Wahyudi juga menyinggung tentang masih rendahnya penetrasi pasar asuransi di Indonesia, meskipun potensinya besar. Ia mencatat bahwa produk asuransi tradisional menghadapi persaingan ketat dari produk keuangan yang lebih modern seperti unit-link dan investasi langsung. Perusahaan asuransi saat ini berupaya melakukan efisiensi dengan memanfaatkan teknologi dan memperluas penetrasi pasar.
“Meskipun digitalisasi sedang berlangsung, banyak perusahaan asuransi masih dalam tahap awal adaptasi, menghadapi tantangan untuk sepenuhnya memanfaatkan teknologi guna meningkatkan efisiensi dan menjangkau pasar yang lebih luas,” jelasnya.

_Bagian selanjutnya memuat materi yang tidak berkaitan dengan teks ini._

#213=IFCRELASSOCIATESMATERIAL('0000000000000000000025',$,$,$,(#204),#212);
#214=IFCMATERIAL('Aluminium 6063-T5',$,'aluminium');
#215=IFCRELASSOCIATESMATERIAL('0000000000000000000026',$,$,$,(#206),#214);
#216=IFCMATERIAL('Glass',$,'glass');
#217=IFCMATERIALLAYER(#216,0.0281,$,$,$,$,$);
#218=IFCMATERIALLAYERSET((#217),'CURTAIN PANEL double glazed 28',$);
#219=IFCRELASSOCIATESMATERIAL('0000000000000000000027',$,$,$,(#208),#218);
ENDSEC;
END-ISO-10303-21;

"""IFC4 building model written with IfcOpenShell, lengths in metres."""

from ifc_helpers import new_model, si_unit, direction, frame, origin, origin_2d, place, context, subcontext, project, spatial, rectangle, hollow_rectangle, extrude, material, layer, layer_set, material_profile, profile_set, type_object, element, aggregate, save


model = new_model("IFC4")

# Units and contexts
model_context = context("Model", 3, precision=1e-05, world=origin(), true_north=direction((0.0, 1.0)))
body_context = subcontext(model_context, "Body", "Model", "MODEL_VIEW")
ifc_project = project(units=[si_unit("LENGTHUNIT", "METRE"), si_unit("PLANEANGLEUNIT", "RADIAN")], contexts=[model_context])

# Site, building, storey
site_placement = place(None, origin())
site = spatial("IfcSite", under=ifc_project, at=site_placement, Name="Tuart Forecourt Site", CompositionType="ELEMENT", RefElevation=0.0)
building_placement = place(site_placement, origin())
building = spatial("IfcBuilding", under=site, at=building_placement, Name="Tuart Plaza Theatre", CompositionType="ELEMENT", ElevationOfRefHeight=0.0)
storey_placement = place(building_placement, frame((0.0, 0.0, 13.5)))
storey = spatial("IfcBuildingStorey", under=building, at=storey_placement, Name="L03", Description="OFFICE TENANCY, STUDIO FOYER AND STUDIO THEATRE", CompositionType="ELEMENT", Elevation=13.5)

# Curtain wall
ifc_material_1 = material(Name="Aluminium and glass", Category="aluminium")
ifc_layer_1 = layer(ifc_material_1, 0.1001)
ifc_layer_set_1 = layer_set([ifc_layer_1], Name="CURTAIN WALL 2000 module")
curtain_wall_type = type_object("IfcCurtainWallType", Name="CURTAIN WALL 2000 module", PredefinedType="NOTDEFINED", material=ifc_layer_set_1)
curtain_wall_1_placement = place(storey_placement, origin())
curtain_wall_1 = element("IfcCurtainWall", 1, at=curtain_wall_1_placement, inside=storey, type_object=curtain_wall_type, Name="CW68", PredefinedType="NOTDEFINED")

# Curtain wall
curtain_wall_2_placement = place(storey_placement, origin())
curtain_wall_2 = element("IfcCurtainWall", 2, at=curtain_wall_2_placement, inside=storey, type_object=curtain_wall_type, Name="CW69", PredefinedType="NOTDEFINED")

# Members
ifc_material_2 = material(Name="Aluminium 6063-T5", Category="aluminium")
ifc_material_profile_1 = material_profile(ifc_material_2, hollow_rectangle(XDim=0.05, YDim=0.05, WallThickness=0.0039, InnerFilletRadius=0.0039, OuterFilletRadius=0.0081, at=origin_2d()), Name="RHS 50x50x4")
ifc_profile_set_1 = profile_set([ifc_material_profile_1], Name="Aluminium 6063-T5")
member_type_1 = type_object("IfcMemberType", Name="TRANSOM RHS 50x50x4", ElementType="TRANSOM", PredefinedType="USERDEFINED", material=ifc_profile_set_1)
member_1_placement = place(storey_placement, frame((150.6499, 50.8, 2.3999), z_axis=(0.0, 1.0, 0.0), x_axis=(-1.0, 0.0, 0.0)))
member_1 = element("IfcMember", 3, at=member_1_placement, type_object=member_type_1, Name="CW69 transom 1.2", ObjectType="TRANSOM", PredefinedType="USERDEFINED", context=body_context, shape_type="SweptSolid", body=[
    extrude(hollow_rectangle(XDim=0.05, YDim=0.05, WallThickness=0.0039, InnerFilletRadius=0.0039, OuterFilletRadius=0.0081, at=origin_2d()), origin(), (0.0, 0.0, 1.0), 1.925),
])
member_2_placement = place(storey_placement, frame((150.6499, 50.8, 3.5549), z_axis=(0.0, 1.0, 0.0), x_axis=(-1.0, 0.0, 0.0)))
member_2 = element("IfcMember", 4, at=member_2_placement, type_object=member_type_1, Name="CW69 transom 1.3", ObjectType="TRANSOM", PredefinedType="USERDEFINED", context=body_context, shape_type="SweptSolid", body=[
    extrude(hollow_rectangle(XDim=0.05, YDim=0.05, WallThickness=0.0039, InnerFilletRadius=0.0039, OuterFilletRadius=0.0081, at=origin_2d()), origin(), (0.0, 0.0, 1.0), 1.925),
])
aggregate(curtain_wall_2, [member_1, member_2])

Untuk mengatasi kontraksi ini, Wahyudi menyarankan beberapa strategi yang bisa diterapkan oleh industri asuransi dan dana pensiun, seperti inovasi dan diversifikasi produk, digitalisasi proses bisnis, dan efisiensi operasional. Selain itu, ia juga menekankan pentingnya kemitraan strategis dengan fintech atau platform digital lainnya untuk memperluas jangkauan pasar, serta peningkatan edukasi dan kesadaran masyarakat mengenai pentingnya asuransi.
“Penerapan manajemen risiko yang lebih canggih dan berbasis data juga diperlukan agar perusahaan dapat menyesuaikan harga premi dengan lebih akurat dan merespons dinamika pasar dengan cepat,” tutup Wahyudi.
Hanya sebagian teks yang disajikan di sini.